Please keep us posted as I could be asking him for a MASSIVE discount on my next engine!
main131


----------



## Taperpin (Jan 6, 2008)

The little blue boxes where deleted in efforts to reduce the shipping costs..air frieght is worked on cubic measure and Aster where striving valiantly to keep the final price as low as posssible , faced with the appreciating Yen and falling currency values in US .UK and Oz. 

Im building one next week and will post any heads up notes here. 

Gordon.


----------



## Steve Shyvers (Jan 2, 2008)

Robert, 

Will you bring the AD60 to the National Summer Steamup at Sacramento? 

Steve


----------



## zephyra (Jan 2, 2008)

Pictures:

1. The box :-(
2. The full engine ready for timing and air test 
3. Detail of the cylinders etc


----------



## zephyra (Jan 2, 2008)

Air tests are complete! A bit stiff but both engines running well in forward and reverse. 

The setup for the air test is to use the flexible steam coupling from a later stage of the kit - this is a very tight fit and when I removed it, I pulled off the fitting from the main steam tube which is secured only by a gland nut and an o-ring. Some reassembly later, I have everything back together but will need to find a permanent fix as I think the flexible coupling is designed to come apart to allow the cab/boiler to be separated from the engines..


----------



## AsterUK (Jan 2, 2008)

Roibert, your comments re Blue Boxes are noted but as Gordon (Taperpin) says, we are struggling hard to keep all costs down in these difficult times.

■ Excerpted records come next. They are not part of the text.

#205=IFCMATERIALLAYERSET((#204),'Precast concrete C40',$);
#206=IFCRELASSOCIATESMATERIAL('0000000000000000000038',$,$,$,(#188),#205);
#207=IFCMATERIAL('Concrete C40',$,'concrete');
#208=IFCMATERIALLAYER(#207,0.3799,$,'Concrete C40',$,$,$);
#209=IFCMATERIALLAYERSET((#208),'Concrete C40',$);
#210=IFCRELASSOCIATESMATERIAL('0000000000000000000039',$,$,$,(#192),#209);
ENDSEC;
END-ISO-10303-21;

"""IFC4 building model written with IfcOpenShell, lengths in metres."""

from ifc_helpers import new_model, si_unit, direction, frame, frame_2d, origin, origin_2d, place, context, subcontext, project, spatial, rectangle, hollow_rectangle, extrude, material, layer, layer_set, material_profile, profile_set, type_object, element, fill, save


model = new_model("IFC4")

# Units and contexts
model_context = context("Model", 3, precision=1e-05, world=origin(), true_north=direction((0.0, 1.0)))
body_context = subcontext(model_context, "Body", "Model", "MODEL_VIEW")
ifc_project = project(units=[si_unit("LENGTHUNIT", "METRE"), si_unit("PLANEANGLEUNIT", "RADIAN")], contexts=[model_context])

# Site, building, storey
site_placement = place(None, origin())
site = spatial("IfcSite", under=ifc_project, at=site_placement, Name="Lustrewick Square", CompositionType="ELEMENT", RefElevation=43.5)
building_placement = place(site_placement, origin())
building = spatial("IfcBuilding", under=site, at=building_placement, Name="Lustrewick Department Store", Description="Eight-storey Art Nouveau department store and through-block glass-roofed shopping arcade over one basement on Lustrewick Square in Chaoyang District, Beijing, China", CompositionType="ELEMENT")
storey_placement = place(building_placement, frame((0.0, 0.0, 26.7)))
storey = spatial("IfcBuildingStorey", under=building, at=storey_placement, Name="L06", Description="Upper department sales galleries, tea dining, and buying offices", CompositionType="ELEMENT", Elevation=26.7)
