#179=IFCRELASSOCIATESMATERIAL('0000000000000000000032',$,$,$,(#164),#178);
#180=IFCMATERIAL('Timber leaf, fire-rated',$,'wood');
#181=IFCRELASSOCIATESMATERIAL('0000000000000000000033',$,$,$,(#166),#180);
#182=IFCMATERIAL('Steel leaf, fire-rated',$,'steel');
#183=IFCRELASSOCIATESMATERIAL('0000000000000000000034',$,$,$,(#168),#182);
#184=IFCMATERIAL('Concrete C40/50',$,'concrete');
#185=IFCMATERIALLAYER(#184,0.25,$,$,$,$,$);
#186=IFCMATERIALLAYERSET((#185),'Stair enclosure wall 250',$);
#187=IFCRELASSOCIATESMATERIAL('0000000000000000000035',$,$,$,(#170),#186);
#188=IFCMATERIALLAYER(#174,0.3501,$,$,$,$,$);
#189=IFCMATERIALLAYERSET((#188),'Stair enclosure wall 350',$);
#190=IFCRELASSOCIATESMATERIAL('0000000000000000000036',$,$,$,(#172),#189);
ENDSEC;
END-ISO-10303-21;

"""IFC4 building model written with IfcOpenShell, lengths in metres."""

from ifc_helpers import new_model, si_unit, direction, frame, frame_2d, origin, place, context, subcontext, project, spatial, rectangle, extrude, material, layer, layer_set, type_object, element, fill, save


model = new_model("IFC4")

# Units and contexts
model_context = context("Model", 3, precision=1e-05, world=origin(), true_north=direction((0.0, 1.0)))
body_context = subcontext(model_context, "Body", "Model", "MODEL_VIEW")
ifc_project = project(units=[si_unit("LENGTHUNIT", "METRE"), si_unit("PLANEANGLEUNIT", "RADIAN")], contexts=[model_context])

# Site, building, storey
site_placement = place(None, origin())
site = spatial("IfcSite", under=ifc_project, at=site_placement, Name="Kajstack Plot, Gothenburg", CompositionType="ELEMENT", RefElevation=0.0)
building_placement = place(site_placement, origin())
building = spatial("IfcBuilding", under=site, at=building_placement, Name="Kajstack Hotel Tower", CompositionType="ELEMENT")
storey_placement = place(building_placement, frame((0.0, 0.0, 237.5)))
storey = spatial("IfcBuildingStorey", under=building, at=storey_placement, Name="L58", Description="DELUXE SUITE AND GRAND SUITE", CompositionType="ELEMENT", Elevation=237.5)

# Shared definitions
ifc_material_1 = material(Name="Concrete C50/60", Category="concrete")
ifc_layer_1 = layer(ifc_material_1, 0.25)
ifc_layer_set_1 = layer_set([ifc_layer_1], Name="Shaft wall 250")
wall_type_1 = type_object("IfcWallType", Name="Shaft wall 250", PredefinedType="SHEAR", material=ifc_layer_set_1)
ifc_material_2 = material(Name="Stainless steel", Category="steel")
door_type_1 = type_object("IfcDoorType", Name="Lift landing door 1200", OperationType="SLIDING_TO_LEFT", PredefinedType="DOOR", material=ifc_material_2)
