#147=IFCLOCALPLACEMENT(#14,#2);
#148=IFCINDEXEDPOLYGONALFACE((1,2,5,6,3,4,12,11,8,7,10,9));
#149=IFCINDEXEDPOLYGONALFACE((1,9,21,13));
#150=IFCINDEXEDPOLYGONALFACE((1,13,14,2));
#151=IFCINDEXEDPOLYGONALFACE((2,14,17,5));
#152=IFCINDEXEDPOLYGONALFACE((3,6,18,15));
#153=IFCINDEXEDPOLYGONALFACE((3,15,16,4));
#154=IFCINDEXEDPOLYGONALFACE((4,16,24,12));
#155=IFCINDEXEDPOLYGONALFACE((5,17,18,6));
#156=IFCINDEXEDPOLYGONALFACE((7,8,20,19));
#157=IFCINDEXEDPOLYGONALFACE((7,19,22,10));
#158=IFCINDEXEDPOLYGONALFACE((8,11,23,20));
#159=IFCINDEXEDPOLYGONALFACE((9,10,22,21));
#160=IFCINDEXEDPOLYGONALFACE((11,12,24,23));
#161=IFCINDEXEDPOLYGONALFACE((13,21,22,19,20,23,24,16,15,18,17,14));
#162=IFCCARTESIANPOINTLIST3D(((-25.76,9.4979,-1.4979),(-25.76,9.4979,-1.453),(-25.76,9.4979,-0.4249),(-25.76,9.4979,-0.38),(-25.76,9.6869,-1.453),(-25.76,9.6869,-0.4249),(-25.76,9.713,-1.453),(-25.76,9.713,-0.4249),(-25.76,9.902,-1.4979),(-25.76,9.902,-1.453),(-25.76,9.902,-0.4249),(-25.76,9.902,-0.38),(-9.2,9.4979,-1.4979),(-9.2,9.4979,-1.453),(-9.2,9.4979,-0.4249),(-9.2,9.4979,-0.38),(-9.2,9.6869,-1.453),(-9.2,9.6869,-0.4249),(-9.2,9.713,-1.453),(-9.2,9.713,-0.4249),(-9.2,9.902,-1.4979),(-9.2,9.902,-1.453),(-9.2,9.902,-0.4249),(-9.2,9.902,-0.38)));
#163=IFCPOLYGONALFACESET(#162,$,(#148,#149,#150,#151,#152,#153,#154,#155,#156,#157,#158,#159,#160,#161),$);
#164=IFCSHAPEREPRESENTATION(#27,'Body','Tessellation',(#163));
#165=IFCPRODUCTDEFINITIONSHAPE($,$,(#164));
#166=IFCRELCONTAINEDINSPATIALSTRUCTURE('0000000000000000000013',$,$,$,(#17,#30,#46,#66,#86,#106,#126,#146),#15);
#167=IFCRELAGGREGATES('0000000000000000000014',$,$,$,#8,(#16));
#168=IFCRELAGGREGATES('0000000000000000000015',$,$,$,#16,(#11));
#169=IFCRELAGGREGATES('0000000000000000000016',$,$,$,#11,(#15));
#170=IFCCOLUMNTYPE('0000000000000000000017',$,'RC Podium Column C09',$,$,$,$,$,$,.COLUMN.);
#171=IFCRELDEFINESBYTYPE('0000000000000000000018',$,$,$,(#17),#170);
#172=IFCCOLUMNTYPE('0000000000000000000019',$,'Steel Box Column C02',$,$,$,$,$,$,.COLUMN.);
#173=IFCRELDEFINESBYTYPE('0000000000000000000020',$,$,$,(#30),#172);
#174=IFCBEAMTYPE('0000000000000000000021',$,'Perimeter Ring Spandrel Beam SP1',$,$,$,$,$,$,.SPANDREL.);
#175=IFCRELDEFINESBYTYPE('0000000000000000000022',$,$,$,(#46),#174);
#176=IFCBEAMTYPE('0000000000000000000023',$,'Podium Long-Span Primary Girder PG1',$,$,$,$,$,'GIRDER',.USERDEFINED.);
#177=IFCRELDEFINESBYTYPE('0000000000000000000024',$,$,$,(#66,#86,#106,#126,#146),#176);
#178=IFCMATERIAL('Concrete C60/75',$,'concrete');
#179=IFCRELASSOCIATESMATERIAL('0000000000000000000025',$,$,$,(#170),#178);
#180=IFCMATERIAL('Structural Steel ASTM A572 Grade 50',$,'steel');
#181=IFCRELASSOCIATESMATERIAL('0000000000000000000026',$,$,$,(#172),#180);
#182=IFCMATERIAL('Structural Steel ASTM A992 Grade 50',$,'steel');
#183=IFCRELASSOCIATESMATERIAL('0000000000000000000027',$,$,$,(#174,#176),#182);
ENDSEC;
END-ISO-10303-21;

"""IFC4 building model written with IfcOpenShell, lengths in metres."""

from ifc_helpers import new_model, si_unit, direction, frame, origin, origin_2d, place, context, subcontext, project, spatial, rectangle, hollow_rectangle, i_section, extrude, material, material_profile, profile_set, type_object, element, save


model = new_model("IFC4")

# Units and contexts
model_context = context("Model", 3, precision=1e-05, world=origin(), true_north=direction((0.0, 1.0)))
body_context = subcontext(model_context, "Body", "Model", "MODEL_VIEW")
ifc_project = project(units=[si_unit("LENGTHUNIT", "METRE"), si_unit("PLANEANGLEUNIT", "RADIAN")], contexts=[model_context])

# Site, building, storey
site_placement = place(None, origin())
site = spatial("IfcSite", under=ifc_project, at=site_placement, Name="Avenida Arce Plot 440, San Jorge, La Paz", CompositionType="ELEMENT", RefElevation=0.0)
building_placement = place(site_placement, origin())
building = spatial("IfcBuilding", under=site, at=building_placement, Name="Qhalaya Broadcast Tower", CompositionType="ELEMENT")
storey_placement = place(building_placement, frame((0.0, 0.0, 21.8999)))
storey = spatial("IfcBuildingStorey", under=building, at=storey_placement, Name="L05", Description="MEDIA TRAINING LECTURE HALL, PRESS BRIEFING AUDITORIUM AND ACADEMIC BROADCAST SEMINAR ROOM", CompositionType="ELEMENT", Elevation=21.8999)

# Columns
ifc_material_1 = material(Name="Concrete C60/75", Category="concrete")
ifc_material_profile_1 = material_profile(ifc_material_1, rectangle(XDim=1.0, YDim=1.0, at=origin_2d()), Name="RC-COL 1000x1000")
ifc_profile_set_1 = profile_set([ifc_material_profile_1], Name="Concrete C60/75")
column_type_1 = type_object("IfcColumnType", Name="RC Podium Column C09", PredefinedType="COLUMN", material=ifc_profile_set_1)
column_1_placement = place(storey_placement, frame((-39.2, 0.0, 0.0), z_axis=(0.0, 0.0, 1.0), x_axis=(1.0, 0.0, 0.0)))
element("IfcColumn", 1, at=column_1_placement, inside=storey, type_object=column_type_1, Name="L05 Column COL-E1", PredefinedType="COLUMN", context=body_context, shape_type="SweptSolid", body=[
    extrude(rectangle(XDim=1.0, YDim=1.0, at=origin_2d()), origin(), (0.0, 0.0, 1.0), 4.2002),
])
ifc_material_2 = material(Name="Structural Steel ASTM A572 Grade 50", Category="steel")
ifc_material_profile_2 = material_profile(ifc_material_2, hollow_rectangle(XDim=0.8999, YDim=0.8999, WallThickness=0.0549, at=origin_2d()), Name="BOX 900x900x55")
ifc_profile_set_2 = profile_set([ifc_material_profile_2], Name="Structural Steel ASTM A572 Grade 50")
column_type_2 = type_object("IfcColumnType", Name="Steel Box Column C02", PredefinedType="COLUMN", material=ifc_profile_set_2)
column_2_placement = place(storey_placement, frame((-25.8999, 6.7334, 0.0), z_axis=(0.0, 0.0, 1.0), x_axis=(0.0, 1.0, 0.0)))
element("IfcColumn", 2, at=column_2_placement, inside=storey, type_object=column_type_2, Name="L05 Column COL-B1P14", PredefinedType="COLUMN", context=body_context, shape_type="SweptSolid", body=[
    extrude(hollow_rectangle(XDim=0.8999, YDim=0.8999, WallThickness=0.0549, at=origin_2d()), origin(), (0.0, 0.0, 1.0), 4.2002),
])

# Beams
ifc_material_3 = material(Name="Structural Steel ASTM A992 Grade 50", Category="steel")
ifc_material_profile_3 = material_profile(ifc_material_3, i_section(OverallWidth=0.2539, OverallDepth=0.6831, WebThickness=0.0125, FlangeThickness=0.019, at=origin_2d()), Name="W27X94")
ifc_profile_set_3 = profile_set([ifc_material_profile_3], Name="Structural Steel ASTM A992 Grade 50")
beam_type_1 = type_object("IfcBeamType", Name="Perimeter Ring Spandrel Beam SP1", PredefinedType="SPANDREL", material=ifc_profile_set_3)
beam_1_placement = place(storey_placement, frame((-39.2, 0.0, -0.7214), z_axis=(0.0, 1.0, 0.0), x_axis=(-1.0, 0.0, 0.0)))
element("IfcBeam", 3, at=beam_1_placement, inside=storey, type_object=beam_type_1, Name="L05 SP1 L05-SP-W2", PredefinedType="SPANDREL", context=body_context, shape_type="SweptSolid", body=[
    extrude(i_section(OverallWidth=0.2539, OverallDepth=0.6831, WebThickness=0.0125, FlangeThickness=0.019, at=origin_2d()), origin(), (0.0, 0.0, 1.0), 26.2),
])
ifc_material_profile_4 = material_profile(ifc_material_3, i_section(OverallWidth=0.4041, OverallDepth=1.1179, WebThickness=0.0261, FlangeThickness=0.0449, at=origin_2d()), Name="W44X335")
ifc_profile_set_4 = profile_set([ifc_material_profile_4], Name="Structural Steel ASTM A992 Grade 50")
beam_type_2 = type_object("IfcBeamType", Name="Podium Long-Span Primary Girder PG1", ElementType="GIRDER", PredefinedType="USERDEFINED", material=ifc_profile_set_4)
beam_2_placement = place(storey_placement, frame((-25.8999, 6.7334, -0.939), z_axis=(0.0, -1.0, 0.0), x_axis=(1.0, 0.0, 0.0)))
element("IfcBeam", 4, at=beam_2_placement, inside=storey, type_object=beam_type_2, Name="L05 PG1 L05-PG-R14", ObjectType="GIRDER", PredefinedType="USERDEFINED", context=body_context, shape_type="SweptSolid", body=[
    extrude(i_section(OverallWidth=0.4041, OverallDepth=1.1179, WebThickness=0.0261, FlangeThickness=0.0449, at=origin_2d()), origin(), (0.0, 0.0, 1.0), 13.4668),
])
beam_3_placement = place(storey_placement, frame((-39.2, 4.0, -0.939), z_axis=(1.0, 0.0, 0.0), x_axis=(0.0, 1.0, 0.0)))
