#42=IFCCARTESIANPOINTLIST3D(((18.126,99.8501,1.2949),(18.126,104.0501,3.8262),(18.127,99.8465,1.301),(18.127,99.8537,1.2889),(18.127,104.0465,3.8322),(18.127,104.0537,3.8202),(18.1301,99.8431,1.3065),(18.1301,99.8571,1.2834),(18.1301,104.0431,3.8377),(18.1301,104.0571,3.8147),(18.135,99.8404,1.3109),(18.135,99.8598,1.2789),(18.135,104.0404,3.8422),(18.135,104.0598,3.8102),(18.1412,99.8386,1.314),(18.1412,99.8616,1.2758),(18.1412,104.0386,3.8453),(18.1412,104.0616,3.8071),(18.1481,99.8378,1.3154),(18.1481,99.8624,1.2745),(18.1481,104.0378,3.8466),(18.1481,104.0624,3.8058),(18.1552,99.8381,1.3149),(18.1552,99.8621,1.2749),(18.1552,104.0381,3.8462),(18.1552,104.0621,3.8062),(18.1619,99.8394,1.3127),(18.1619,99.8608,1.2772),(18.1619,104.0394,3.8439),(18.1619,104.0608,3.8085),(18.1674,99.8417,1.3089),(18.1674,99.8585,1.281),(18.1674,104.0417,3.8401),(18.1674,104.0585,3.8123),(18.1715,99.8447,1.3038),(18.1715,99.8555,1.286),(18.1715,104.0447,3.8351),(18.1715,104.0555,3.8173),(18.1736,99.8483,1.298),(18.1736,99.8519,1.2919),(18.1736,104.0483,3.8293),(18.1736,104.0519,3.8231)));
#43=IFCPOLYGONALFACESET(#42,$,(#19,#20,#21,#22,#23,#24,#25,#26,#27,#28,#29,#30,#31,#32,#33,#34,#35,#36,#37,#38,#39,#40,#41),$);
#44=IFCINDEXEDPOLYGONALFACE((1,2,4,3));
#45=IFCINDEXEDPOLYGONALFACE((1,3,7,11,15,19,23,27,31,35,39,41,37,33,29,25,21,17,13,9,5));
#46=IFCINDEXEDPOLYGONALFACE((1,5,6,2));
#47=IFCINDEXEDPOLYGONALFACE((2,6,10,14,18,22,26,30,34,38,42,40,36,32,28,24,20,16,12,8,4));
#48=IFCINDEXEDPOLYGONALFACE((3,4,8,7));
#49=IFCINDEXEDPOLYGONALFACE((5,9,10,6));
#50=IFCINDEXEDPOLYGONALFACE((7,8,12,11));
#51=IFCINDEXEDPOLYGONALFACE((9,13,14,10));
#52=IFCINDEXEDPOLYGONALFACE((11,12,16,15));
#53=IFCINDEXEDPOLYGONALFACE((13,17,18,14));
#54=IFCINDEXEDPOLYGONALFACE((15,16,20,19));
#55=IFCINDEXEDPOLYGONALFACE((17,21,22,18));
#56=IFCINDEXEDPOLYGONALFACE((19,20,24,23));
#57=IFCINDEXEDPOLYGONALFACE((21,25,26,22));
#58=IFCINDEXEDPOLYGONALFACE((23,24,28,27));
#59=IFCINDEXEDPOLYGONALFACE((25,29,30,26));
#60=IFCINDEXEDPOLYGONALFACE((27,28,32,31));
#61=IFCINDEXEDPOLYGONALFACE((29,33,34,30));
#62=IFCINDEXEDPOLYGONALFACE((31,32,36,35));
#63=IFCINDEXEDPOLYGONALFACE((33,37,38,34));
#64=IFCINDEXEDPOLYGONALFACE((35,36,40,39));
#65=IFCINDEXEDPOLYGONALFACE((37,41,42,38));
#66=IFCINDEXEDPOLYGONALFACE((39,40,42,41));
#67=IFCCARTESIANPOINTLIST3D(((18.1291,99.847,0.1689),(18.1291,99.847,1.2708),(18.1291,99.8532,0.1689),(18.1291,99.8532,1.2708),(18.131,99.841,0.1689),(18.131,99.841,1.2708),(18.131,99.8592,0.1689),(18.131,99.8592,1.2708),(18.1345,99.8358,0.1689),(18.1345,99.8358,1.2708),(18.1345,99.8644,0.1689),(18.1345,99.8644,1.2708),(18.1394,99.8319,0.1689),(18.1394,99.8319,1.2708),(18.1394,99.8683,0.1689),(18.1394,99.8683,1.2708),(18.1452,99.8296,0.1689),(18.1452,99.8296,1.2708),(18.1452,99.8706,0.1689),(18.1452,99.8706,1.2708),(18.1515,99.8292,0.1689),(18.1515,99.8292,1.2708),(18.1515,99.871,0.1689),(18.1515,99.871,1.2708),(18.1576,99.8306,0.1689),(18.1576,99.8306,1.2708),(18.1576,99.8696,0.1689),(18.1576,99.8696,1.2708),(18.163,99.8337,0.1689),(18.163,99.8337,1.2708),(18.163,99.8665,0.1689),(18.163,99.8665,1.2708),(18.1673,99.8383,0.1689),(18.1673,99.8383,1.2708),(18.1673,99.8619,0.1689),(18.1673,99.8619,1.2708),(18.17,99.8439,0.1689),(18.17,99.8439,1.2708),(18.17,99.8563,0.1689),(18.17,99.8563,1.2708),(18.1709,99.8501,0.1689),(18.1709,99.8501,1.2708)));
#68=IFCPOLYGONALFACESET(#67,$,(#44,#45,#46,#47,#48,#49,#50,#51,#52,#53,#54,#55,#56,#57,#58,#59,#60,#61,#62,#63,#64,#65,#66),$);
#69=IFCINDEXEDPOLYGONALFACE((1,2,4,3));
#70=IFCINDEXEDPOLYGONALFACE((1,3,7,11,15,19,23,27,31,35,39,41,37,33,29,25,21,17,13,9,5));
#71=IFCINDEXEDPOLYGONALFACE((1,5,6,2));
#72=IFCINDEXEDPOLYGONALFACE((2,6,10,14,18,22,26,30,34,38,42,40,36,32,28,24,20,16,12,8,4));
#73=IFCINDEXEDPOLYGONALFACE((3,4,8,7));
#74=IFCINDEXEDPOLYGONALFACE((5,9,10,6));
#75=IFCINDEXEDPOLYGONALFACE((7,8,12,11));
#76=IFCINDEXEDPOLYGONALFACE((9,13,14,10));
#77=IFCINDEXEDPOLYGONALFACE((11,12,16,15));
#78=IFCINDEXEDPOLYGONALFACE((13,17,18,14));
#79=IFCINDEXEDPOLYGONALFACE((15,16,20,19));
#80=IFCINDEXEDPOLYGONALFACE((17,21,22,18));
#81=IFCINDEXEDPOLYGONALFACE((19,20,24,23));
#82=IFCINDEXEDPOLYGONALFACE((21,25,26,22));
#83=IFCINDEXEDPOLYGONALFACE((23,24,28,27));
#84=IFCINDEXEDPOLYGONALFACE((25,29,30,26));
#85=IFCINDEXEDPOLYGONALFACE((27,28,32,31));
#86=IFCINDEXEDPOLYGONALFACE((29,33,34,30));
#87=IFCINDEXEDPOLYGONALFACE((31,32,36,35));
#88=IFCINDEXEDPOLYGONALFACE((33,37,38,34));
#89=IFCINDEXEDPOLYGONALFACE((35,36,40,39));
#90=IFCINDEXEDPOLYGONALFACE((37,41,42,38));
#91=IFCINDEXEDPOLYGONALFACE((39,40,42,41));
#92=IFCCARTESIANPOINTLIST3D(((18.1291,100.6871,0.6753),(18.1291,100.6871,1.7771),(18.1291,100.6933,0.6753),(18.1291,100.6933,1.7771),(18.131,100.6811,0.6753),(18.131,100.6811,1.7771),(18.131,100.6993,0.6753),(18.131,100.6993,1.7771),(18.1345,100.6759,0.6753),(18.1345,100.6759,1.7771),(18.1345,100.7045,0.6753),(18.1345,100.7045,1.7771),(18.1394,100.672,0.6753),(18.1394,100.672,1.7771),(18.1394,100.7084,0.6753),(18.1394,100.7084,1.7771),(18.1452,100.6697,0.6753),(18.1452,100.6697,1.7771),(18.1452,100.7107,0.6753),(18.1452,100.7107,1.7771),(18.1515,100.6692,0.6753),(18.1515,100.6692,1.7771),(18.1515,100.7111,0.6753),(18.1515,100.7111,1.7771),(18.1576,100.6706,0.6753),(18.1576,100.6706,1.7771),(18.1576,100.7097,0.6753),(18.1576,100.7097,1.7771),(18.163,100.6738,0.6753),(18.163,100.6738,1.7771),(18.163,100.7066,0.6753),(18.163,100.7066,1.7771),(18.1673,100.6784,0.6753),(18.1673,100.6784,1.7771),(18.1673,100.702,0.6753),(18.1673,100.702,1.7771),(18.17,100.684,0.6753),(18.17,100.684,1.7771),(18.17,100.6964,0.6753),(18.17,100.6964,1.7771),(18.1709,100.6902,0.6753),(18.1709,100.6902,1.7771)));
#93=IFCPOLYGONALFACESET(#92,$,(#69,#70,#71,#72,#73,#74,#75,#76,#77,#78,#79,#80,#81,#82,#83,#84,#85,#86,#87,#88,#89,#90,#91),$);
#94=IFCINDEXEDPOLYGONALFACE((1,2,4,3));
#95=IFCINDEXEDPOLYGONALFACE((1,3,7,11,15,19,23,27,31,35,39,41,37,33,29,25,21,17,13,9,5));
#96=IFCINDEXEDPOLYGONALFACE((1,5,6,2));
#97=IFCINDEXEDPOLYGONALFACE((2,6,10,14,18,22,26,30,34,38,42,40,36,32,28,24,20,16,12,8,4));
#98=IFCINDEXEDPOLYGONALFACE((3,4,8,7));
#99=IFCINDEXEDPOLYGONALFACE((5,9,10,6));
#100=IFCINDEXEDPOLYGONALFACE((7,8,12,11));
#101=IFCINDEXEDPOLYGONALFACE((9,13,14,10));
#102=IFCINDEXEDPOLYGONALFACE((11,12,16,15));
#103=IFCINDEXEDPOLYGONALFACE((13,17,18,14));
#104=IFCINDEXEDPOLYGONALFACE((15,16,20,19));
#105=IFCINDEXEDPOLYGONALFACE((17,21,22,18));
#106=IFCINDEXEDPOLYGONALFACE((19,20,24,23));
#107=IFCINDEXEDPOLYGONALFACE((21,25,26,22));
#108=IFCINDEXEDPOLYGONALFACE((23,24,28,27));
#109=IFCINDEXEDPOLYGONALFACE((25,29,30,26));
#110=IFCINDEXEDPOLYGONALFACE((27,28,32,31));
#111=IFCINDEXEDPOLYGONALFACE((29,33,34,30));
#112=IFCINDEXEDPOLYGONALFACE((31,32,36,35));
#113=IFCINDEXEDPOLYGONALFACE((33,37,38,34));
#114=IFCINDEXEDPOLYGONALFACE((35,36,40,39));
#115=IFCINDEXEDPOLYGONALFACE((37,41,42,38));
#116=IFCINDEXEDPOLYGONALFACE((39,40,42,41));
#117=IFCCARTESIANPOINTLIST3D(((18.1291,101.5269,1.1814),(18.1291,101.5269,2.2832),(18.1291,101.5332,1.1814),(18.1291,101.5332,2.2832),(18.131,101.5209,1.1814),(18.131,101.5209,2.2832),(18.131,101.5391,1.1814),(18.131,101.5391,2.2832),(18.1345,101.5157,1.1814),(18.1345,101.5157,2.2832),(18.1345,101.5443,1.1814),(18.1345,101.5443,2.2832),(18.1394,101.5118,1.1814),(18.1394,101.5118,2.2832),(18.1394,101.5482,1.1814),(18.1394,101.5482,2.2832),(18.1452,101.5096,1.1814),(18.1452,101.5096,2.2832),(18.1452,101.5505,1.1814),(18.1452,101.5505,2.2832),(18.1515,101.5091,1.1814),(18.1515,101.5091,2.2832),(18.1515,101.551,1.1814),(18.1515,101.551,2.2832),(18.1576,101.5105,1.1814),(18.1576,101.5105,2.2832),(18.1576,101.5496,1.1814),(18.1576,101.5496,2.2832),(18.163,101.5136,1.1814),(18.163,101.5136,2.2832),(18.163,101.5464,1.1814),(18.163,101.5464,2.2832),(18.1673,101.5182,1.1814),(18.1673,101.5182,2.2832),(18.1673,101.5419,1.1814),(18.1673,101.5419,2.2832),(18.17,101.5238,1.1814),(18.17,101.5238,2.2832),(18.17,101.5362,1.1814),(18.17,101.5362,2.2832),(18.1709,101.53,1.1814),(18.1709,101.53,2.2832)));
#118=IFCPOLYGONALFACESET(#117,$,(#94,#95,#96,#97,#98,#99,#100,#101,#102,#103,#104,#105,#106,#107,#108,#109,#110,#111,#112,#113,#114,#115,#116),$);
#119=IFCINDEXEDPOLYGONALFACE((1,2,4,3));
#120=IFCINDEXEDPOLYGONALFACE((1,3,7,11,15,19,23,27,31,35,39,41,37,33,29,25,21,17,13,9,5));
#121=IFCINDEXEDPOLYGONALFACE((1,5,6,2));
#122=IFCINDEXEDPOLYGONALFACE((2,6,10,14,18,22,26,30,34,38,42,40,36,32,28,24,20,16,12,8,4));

I know of two AD60's completed so far in the UK although neither have been steamed yet.

Andrew


----------



## zephyra (Jan 2, 2008)

Andrew, thanks for explaining why the little blue bixes went away. I guess I'd got used to thw "wow" factor when I first opened the Aster box.

I'm proceeding as fast as work commitments will allow - generally it is going well although the suggested order of the build is not always especially logical - it would (for example) been much easier to install the brakes before fitting the cylinders and rods.

Putting the two engines together makes you realize what a big beast this will be when finished.

Robert


----------



## tacfoley (Jan 3, 2008)

Feel free to slap me around the head, but I'm having terble trouble reconciling the words 'economy' with 'Aster Hobby Co.'

It's a bit like buying a Rolex and getting it in a brown paper bag.









tac
www.ovgrs.org


----------



## zubi (May 14, 2009)

;-) or in a newspaper... Zubi


----------



## AsterUK (Jan 2, 2008)

Tac (Terry), 

A little bit of research has shown that on balance customers (as opposed to observers - no slight intended) would prefer to save some money and not have a fancy box. As you will see from Zephyra, he says that opening the AD60 box lacked the Wow factor. I can see that he is correct but how much is that Wow factor worth? As always, we note customers comments both positive and negative and try to respond thoughtfully. 

So Tac if you fancy an AD60 kit I'll get it packaged up really neat just for you!

Andrew


----------



## RP3 (Jan 5, 2008)

I'm shaking my head on some of the comments about Aster on this forum and this thread -- especially in light of the current economic situation. First people complain at the rising cost of Aster products when compared to the competitors, and now they complain when Aster takes some simple and logical steps to control expense growth. While I can understand the Rolex and brown bag analogy, I think that probably there are more of us that would rather have a premium Aster product at a reasonable cost and not waste money on showy packaging -- something that's forgotten and discarded after the locomotive is built (with Rolex we keep the boxes!). How many people do you think really appreciated the oversized and under-engineered wooden box that the Alleghenys came in? Wouldn't you rather have kept in your pocket the $300+ it cost? The blue boxes are no different. And I for one would rather see Aster control costs by cutting such frills as fancy packaging rather than cut costs by skimping on the actual locomotive product. 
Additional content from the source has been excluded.